地下通路で爆発に巻き込まれた、そんな記憶はある。
ふいに右耳の後に痒みを感じたので、掻いてみる。
掻けない。
いや、右手が動かない。
どうなっているんだ、と思った時、足音が聞こえた。
足音のする方へ頭を向ける。
どうやら首は動くようだ。
見ると3名の医師と、その後には数は分からないが看護師がいるようだ。
全員、外国人?
ベッドの側へ来た医師が「玉体に触ることをお許し下さい、陛下」と訳の分からないことを言う。
しかし、日本語は流暢だ。
医師は瞼を指で広げて何かで光を当ててくる。
瞳孔の収縮を見ているのだろうか。
眩しい。
次に聴診器で心音を確かめている。
聴診器の金属部分が妙に冷たい。
しかし、陛下って何だ?
「医師の職分として申し上げます。ご記憶されておられないかもしれませんが、1週間前、陛下は爆発物を使ったテロリズムに遭われました」
あっ、地下の爆発はテロだったのか。
でも陛下って誰?
「緊急搬送され、全身打撲、右下半身に軽度の火傷、右手、右脚の骨折と診断いたしました。我々医師団は、全治3ヶ月と見立てております」
右手が動かないのは、それが原因か。
医師の着ている白衣の胸元に視線をやると、そこには胸章があった。
だが胸章に書かれている文字は、今まで見た事の無い文字だった。
何だ、あの文字は?
日本語を話しているのに、何でネームプレートには見たことのない変な文字が書いてあんの?
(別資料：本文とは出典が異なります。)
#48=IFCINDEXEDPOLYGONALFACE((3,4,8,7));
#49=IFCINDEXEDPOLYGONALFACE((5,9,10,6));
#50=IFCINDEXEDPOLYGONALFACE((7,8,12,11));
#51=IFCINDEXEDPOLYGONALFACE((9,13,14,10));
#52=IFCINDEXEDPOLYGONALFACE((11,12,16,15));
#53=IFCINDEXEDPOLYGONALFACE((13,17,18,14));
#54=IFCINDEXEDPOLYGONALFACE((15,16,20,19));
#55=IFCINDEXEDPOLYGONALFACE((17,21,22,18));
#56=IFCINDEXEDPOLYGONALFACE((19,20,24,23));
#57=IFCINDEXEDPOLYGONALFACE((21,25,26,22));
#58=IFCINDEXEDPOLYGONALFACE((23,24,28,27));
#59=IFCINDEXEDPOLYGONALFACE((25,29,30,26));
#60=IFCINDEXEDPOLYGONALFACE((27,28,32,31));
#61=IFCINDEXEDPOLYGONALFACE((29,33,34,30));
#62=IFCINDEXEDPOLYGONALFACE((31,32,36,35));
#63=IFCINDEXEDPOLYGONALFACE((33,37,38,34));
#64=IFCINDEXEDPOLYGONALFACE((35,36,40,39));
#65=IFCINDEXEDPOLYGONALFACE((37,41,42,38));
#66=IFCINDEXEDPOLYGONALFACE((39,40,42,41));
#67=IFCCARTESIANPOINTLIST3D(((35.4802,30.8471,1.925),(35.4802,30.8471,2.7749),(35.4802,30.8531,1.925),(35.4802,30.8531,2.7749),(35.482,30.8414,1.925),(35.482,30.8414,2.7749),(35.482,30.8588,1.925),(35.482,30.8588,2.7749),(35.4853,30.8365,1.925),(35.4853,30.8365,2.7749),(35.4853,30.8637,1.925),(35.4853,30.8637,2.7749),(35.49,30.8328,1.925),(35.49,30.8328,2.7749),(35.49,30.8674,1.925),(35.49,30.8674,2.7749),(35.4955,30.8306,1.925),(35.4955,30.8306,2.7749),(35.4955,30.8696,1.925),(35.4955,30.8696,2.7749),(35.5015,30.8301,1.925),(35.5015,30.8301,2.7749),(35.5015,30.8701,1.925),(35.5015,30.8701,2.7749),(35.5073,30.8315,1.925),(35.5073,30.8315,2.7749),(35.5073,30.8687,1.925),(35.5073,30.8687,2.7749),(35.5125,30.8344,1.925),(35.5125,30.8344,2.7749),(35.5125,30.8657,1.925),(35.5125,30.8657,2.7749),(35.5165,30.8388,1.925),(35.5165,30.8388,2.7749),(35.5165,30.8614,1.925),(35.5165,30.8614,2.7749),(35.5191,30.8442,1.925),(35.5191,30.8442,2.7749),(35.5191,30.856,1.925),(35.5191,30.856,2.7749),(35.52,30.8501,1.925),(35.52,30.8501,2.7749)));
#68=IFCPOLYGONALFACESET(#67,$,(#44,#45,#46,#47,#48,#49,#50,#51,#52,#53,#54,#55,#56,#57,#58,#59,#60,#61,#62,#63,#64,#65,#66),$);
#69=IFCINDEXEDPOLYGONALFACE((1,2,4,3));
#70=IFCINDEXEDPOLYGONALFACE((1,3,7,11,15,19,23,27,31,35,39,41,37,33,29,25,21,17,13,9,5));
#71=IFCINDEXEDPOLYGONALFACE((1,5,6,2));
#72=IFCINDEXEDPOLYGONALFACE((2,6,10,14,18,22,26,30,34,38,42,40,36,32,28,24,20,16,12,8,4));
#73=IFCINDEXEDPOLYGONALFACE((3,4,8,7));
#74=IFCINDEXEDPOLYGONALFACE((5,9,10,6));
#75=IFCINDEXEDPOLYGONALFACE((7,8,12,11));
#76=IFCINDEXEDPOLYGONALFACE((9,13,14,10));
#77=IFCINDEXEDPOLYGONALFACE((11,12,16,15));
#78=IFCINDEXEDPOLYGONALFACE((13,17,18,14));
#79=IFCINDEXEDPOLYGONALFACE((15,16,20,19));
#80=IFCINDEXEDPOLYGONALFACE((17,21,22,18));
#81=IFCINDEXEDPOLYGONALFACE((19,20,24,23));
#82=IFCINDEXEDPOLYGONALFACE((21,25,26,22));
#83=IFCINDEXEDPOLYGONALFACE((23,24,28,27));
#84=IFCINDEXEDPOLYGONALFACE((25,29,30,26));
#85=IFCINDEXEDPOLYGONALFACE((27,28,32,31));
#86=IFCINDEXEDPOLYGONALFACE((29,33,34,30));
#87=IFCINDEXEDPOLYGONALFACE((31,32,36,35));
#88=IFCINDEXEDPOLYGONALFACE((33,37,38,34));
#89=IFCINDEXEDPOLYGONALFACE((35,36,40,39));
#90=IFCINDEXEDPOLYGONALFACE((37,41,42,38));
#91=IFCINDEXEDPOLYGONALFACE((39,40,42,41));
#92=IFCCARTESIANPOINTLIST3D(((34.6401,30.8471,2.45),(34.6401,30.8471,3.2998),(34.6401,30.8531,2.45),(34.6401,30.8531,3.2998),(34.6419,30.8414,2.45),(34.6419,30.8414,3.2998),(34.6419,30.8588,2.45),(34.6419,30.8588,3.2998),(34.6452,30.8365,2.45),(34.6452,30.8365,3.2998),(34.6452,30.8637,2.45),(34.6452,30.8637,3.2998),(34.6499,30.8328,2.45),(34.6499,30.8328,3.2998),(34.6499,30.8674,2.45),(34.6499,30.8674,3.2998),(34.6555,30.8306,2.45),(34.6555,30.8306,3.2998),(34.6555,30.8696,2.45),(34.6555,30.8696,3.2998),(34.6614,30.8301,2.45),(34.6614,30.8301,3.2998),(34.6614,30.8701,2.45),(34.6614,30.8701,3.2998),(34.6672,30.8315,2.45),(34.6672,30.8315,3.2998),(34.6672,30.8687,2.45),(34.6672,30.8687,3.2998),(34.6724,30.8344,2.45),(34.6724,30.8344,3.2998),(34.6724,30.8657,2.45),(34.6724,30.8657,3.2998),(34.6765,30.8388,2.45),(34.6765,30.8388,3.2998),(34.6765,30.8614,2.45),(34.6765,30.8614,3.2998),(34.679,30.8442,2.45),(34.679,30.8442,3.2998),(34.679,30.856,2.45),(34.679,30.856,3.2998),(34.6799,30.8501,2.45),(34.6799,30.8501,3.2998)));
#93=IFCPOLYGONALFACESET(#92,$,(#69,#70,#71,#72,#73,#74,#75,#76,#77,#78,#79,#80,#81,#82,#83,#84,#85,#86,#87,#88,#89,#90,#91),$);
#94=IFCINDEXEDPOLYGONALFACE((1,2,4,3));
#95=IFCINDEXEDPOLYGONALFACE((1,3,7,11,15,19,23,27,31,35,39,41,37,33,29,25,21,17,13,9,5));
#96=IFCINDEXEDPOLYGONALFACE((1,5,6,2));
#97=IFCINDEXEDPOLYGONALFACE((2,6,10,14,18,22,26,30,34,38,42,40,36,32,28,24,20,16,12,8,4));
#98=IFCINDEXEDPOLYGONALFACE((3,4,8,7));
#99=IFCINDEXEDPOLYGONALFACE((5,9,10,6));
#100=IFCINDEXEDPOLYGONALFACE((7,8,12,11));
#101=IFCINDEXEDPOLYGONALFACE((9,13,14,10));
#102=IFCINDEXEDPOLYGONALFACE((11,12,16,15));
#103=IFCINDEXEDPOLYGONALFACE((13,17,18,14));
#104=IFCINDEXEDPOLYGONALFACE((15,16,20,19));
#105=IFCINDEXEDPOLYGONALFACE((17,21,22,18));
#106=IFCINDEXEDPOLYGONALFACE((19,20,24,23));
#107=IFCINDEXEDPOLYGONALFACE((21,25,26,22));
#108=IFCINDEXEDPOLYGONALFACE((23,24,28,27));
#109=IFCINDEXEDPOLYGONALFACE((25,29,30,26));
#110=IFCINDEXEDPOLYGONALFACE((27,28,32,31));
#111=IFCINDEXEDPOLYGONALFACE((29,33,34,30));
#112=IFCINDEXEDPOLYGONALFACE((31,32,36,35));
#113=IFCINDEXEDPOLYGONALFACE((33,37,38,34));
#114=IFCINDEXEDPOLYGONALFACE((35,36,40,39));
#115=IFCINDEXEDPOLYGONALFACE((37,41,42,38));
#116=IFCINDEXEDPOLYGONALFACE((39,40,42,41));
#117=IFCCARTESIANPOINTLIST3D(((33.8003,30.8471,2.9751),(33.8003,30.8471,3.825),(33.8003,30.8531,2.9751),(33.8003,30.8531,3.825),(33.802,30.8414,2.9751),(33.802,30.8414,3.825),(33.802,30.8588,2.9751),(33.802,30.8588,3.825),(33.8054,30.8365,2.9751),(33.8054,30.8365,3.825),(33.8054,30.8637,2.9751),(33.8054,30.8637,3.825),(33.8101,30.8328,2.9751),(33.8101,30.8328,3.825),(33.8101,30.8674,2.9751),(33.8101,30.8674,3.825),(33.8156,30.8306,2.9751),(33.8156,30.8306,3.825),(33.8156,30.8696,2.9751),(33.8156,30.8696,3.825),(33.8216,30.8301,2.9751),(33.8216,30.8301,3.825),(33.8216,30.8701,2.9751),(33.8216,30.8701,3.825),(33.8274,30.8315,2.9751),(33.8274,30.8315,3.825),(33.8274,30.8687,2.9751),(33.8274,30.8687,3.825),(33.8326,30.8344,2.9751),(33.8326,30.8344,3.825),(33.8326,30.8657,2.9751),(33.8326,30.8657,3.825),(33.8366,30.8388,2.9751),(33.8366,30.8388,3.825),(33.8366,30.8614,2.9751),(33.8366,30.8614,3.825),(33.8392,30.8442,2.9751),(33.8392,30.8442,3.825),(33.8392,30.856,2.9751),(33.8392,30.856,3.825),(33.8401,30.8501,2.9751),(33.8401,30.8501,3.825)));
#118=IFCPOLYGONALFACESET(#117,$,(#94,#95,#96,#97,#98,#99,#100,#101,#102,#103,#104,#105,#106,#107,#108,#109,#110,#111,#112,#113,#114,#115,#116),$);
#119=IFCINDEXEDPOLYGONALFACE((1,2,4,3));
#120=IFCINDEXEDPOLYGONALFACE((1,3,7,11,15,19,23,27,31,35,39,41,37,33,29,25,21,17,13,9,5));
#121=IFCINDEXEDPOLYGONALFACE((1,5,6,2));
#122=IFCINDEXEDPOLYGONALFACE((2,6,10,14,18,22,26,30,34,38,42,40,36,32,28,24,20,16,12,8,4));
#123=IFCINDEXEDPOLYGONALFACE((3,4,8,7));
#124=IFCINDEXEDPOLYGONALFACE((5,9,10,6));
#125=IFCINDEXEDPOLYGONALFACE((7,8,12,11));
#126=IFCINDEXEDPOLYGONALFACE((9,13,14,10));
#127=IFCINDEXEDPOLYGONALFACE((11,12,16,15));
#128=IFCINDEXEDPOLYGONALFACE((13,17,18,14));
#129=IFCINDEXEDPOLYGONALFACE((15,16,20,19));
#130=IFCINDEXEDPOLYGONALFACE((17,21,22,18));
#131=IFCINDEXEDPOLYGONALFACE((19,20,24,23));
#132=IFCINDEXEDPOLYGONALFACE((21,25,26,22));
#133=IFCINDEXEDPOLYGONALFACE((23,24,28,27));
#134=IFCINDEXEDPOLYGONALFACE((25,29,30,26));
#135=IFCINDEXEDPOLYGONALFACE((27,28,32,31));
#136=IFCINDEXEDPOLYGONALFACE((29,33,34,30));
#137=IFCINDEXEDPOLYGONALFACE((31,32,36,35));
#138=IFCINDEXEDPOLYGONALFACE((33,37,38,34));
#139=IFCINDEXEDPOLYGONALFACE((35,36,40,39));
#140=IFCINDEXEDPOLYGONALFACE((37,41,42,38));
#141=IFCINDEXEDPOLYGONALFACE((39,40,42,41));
漢字か、この人達は外国人だからカタカナでしょ、普通。
「1週間昏睡されおられましたが、意識も戻られましたし、これからはゆっくりではありますが快方へ向かっていくものと思われます」
陛下と呼ばれているから、以前見た動画の昭和天皇陛下のように「えぇ、あっそう」と冗談でも言おうとしたが、さすがに不敬だと思いやめた。
でも、私って陛下なのか?
「また回診に伺わせていただきます。失礼いたします」
そう言って全員が一礼して、1名の看護師を残して医師達が部屋を立ち去った。
残った看護師は、おそらく目覚めた時に医師を呼びに行った、あの看護師と同一人物だろう。
その看護師の胸元の胸章に視線を向ける。
ダメだ、書いてある文字が読めない。
名前が分からないのは、やはり不便だ。